Much of Tuesday night’s Democratic primary debate was about spending. About more spending, obviously. The candidates outdid themselves. Frontrunners Hillary Clinton and Bernie Sanders advocated spending more on education (free college for everyone), on jobs, on research, on free family leave. There was talk of expanding Medicare and Social Security, which happen to be the two main drivers of government deficits, and of extending the (subsidized) Obamacare insurance plans to undocumented immigrants. Clinton even called climate change an “opportunity to grow our economy,” apparently referring to the opportunity to spend money fighting it.
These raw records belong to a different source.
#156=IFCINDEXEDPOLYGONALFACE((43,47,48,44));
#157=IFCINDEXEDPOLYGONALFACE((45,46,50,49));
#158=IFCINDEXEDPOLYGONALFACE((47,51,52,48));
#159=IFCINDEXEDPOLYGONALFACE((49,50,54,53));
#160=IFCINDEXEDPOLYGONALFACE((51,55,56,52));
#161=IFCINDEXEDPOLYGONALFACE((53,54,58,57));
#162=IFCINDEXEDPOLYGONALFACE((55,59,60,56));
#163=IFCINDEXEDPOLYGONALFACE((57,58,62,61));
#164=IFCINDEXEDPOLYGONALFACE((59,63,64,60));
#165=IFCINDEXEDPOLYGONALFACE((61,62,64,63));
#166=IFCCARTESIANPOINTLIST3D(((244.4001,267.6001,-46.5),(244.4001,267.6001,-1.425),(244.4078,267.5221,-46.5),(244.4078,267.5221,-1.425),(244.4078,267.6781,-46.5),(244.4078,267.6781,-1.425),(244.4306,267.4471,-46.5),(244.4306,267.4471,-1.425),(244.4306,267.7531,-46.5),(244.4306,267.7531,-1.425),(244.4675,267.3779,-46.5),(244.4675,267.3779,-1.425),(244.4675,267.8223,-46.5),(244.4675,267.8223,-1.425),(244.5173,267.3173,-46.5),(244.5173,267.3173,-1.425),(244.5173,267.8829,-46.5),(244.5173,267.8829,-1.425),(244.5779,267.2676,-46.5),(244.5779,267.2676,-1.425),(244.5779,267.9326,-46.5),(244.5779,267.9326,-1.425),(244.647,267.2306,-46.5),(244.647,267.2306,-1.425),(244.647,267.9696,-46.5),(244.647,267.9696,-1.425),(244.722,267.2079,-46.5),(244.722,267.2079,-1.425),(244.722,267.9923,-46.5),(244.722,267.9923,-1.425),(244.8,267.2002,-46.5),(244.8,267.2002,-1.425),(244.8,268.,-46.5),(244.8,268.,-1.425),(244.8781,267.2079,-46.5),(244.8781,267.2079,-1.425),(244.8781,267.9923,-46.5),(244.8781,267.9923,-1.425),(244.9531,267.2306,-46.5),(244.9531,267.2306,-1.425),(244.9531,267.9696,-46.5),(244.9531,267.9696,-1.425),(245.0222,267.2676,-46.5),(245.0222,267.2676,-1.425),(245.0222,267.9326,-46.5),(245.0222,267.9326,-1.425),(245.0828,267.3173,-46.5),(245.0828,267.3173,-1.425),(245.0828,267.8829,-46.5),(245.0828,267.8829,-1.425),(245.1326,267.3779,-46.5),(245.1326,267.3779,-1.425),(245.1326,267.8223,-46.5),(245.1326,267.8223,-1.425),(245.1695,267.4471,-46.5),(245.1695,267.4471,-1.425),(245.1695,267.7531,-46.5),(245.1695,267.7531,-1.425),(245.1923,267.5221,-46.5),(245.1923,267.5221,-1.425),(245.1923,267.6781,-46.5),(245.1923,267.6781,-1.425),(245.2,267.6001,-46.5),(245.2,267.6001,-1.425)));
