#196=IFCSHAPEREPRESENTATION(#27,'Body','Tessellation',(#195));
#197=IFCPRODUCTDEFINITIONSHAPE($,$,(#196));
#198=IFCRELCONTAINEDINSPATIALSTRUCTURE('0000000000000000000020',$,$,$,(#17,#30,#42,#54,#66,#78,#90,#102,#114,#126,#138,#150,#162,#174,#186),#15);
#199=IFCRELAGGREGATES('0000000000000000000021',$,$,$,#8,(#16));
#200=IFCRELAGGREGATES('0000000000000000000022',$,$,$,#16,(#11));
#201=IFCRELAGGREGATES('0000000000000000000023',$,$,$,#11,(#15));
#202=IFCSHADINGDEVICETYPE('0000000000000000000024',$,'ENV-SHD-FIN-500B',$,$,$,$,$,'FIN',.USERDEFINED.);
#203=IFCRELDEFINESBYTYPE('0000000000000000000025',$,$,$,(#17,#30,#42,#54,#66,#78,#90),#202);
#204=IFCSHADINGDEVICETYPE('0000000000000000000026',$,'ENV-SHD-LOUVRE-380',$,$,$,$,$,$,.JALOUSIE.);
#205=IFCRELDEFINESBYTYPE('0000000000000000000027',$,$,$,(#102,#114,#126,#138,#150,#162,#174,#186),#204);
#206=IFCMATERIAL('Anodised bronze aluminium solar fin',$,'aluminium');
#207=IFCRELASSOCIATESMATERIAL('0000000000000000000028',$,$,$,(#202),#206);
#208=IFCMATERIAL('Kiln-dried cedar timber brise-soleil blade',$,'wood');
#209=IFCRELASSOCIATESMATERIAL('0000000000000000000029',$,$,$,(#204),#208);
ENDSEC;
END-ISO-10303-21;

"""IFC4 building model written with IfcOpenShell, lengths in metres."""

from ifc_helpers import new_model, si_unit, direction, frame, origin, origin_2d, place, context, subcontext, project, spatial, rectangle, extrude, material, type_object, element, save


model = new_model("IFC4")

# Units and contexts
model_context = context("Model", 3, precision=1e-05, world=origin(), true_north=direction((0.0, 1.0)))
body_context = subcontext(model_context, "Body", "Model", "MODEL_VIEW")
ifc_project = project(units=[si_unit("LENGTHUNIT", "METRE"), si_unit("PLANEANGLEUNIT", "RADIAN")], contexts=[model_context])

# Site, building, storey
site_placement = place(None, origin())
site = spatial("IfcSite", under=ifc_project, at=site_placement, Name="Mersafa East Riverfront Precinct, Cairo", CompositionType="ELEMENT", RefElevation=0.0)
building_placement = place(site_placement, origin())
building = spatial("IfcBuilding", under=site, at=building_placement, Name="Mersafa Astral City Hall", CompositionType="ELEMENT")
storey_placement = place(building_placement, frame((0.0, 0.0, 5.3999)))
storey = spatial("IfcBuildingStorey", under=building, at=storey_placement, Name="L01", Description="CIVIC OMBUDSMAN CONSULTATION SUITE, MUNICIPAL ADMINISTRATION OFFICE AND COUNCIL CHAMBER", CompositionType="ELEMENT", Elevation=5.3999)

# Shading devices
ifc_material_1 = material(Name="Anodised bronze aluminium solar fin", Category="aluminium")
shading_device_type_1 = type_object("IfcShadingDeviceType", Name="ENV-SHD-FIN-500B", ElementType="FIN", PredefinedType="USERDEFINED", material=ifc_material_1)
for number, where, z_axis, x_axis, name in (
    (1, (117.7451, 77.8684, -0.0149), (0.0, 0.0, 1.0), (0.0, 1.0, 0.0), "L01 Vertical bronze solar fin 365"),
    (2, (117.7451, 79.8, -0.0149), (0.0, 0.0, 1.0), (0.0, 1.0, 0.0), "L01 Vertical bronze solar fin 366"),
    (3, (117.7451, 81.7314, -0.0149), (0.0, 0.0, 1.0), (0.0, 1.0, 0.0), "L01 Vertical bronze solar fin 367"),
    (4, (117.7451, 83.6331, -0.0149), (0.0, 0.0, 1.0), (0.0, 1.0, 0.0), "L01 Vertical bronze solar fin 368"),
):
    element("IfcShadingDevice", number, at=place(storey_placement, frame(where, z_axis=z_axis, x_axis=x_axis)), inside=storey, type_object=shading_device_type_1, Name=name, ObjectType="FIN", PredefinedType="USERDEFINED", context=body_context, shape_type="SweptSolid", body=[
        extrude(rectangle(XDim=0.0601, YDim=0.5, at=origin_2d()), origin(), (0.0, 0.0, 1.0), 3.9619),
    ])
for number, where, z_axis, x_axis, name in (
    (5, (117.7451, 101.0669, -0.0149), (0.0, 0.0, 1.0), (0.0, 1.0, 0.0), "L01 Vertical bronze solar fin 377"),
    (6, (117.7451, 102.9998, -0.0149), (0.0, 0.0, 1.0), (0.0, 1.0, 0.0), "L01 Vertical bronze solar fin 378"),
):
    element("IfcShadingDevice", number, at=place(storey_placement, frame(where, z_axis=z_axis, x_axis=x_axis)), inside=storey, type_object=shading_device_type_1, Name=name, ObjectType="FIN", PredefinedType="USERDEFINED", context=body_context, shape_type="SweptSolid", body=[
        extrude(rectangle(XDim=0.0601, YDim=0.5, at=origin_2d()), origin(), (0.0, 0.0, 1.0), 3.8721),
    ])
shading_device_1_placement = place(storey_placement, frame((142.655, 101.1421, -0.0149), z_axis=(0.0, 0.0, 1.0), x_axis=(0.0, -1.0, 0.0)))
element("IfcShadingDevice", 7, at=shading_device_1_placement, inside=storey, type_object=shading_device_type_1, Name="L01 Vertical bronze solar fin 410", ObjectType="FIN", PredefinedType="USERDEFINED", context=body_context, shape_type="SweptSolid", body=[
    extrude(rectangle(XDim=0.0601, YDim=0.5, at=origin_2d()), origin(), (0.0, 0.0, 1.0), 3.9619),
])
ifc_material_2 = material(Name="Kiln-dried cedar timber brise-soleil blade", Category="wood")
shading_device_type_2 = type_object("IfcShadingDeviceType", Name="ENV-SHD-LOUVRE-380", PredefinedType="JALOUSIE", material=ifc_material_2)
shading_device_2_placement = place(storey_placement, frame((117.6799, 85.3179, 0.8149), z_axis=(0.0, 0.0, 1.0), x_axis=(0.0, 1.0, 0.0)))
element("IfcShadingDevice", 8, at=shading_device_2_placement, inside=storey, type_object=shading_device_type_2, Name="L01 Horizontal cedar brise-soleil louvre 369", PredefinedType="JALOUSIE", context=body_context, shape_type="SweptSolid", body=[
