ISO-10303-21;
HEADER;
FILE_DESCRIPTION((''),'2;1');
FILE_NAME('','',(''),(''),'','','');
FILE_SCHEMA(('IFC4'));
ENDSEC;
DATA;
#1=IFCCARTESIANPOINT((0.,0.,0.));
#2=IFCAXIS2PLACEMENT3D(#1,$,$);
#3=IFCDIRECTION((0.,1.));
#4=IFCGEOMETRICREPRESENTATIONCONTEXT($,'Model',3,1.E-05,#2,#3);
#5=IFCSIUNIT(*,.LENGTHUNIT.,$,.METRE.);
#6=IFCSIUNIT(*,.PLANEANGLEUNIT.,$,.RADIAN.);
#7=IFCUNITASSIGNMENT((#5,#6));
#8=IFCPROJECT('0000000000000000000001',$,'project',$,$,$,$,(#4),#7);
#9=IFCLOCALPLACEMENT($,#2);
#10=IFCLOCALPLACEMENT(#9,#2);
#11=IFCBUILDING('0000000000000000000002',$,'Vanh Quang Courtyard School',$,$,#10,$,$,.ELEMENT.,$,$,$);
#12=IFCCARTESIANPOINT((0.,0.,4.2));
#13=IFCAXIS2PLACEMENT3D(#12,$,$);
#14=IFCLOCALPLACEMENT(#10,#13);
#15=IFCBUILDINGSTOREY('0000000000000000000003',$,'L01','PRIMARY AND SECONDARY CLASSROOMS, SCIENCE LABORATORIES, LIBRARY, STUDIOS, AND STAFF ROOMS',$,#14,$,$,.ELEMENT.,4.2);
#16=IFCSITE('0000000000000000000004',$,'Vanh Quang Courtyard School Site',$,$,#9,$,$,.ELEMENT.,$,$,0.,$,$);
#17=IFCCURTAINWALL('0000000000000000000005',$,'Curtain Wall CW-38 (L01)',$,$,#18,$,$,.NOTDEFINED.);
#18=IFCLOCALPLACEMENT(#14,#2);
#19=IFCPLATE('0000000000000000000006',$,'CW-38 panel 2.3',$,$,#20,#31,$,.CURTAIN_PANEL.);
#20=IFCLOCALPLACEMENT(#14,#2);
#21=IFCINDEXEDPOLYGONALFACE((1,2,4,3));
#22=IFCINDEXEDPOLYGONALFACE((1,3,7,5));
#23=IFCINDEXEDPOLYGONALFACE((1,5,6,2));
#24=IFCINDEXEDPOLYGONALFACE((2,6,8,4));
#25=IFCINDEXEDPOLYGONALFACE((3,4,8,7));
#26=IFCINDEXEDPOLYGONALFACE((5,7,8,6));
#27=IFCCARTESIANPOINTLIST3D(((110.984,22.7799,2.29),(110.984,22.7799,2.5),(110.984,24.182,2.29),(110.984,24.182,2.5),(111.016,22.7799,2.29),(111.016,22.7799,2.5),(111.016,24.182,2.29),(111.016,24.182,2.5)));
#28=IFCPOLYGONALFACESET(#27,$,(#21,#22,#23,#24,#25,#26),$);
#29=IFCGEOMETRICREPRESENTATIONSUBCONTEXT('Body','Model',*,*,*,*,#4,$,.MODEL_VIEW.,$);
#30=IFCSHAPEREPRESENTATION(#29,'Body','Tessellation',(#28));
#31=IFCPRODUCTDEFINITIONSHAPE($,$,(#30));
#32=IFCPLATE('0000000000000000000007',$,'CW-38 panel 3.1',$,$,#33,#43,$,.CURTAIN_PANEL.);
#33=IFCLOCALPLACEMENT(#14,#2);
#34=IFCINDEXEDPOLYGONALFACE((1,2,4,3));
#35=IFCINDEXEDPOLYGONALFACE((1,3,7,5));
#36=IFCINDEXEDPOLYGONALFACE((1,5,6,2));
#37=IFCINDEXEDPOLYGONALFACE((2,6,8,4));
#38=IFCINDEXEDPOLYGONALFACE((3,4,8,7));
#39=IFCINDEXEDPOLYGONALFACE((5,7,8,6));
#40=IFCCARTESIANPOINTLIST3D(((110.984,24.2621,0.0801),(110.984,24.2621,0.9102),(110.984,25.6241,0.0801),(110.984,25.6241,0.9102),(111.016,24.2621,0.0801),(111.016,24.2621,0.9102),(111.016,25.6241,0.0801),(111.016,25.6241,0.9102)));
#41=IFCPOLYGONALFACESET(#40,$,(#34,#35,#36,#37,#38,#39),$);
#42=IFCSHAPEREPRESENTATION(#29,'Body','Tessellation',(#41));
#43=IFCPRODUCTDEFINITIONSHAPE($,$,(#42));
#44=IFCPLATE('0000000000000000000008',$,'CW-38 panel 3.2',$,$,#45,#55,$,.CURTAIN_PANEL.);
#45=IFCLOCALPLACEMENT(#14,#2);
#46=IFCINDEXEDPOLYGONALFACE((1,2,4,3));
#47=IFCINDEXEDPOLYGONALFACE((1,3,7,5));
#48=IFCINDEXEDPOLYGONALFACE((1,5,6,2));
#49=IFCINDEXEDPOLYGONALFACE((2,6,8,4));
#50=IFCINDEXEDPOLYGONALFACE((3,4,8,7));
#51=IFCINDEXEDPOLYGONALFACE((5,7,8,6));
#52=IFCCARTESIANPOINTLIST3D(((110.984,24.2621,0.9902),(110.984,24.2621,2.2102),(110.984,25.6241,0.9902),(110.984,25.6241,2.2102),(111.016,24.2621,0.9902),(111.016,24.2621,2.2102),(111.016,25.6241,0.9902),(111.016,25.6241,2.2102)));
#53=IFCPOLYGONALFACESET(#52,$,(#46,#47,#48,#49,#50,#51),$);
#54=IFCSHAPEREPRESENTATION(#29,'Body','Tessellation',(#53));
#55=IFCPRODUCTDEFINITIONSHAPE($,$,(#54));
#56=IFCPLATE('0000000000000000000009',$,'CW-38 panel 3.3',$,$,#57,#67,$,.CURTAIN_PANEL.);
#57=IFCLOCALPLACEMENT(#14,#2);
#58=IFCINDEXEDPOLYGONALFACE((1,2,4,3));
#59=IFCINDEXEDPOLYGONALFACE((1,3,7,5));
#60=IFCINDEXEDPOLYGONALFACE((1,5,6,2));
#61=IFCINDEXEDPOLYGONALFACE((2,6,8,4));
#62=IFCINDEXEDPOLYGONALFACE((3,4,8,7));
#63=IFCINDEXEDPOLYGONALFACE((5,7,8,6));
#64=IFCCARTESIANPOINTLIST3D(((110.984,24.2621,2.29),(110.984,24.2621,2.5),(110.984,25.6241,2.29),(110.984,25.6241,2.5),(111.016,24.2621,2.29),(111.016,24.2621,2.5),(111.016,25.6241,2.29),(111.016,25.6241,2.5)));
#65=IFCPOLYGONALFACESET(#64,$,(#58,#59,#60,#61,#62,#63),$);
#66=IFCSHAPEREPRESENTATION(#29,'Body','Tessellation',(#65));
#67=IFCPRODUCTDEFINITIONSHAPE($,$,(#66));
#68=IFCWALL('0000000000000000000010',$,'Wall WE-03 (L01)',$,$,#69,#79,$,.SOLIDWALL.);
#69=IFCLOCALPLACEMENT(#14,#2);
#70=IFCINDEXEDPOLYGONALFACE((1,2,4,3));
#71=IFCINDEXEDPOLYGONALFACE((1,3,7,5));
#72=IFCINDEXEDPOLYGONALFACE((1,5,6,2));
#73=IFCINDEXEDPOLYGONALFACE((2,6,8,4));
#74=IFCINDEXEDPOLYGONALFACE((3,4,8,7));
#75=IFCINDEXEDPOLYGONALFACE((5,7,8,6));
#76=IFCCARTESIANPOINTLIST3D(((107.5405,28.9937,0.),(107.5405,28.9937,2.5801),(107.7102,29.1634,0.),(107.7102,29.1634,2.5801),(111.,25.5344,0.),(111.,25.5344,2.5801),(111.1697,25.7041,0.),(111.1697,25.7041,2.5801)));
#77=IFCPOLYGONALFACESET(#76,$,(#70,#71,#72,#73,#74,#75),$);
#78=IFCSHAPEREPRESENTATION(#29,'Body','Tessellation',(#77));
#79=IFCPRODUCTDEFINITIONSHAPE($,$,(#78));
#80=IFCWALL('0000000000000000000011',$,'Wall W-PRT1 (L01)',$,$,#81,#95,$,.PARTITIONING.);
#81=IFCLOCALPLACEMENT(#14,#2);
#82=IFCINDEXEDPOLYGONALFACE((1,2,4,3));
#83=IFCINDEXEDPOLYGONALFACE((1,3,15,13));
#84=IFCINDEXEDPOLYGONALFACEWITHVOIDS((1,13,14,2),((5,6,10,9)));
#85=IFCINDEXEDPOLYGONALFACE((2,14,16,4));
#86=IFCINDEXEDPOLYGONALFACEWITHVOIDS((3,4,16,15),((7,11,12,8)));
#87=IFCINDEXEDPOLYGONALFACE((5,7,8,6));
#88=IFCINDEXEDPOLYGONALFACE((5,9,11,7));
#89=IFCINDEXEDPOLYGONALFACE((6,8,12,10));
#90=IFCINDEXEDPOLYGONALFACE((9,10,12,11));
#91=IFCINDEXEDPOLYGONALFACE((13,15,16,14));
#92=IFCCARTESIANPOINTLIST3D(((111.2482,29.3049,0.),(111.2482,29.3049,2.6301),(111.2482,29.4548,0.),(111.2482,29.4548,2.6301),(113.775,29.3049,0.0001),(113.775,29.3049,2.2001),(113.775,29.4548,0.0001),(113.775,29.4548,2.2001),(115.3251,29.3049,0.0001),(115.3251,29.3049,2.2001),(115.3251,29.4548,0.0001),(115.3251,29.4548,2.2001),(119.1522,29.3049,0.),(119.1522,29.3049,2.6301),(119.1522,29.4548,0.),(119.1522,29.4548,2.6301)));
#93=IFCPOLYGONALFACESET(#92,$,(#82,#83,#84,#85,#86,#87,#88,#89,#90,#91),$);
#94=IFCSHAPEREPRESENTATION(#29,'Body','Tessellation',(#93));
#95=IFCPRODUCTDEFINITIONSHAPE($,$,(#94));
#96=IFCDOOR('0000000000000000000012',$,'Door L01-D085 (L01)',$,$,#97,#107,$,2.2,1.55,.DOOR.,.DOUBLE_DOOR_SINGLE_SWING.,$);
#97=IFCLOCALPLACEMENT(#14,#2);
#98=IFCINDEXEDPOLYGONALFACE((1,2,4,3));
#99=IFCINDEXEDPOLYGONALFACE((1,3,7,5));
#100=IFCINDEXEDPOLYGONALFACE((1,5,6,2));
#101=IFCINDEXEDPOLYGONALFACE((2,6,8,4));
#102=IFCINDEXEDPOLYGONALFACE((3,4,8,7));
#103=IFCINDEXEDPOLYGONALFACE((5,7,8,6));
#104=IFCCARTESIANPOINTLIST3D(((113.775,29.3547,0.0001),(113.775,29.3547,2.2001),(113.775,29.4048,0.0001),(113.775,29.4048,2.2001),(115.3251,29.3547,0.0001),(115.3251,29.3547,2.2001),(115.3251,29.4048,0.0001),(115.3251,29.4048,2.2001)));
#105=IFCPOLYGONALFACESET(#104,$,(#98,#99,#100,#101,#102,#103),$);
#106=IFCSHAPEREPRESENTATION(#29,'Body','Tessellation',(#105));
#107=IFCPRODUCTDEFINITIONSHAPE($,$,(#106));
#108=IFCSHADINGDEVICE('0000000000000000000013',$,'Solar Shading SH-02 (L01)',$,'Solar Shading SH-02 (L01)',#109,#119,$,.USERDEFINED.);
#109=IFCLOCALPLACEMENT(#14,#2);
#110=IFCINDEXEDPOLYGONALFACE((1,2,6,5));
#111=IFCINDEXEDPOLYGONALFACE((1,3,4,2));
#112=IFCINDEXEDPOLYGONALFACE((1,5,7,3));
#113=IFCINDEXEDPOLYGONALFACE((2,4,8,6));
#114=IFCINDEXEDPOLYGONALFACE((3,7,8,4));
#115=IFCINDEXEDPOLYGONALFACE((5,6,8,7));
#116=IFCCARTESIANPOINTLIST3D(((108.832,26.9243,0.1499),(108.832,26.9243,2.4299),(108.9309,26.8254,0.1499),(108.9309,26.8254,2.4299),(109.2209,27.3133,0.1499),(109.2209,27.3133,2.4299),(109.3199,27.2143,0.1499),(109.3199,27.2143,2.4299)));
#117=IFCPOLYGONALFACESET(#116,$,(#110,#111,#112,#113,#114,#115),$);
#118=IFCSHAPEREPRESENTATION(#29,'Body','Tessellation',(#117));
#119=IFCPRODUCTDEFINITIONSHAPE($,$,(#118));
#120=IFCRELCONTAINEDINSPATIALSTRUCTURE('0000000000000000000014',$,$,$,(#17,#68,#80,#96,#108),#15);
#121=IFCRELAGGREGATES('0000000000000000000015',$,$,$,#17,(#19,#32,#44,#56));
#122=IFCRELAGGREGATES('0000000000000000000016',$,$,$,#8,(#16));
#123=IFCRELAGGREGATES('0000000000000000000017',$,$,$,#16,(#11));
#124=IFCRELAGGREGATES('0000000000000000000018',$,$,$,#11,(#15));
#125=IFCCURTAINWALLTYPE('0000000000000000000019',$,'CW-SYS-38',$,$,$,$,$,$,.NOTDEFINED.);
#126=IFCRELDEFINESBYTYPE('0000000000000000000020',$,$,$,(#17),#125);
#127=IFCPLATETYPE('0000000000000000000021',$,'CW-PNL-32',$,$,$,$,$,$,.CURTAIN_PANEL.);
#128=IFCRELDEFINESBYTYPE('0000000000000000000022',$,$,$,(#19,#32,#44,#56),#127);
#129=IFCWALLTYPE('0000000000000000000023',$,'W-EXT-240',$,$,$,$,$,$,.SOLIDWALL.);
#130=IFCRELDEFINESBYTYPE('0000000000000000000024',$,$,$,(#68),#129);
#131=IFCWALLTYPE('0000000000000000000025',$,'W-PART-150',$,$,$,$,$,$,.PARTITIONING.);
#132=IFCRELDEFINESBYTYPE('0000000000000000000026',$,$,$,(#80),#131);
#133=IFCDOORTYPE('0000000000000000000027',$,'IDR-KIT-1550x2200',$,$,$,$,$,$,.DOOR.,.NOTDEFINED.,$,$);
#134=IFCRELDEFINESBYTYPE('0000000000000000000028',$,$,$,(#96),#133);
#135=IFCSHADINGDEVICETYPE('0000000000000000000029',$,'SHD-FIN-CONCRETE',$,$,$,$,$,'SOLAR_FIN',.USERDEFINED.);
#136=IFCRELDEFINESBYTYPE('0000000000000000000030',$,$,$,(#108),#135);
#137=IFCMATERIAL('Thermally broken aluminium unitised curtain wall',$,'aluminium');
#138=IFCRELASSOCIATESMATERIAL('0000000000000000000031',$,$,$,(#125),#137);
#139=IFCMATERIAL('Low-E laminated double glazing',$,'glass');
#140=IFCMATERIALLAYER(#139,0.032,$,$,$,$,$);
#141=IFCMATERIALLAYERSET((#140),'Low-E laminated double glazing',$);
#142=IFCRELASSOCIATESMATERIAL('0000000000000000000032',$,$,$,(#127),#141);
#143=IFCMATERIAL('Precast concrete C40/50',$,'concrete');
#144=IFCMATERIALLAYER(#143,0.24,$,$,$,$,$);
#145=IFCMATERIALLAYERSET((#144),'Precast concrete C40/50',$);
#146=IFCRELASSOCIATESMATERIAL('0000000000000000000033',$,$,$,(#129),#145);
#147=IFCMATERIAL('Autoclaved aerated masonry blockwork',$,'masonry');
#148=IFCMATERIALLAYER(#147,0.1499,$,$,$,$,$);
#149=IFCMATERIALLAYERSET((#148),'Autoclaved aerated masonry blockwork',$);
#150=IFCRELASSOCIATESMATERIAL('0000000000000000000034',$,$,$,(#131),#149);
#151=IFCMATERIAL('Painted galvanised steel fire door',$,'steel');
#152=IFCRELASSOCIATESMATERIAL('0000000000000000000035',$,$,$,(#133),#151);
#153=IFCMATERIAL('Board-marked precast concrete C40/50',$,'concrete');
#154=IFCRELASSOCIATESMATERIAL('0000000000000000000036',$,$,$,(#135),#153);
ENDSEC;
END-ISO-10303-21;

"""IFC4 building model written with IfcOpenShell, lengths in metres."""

from ifc_helpers import new_model, si_unit, direction, frame, frame_2d, origin, origin_2d, place, context, subcontext, project, spatial, rectangle, extrude, material, layer, layer_set, type_object, element, fill, aggregate, save


model = new_model("IFC4")

# Units and contexts
model_context = context("Model", 3, precision=1e-05, world=origin(), true_north=direction((0.0, 1.0)))
body_context = subcontext(model_context, "Body", "Model", "MODEL_VIEW")
ifc_project = project(units=[si_unit("LENGTHUNIT", "METRE"), si_unit("PLANEANGLEUNIT", "RADIAN")], contexts=[model_context])

# Site, building, storey
site_placement = place(None, origin())
site = spatial("IfcSite", under=ifc_project, at=site_placement, Name="Vanh Quang Courtyard School Site", CompositionType="ELEMENT", RefElevation=0.0)
building_placement = place(site_placement, origin())
building = spatial("IfcBuilding", under=site, at=building_placement, Name="Vanh Quang Courtyard School", CompositionType="ELEMENT")
storey_placement = place(building_placement, frame((0.0, 0.0, 4.2)))
storey = spatial("IfcBuildingStorey", under=building, at=storey_placement, Name="L01", Description="PRIMARY AND SECONDARY CLASSROOMS, SCIENCE LABORATORIES, LIBRARY, STUDIOS, AND STAFF ROOMS", CompositionType="ELEMENT", Elevation=4.2)

# Curtain wall
ifc_material_1 = material(Name="Thermally broken aluminium unitised curtain wall", Category="aluminium")
curtain_wall_type = type_object("IfcCurtainWallType", Name="CW-SYS-38", PredefinedType="NOTDEFINED", material=ifc_material_1)
curtain_wall_placement = place(storey_placement, origin())
curtain_wall = element("IfcCurtainWall", 1, at=curtain_wall_placement, inside=storey, type_object=curtain_wall_type, Name="Curtain Wall CW-38 (L01)", PredefinedType="NOTDEFINED")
This is a funny definition of opportunity because much of what the candidates are proposing will lead America deeper into debt.

Of course, that’s not the way they see it. The real challenge, according to the two main contenders, is inequality. Fortunately, we learned that inequality is pretty easy to address: just tax the rich and spend more government money. So I guess inequality, too, qualifies as another “opportunity to grow our economy.”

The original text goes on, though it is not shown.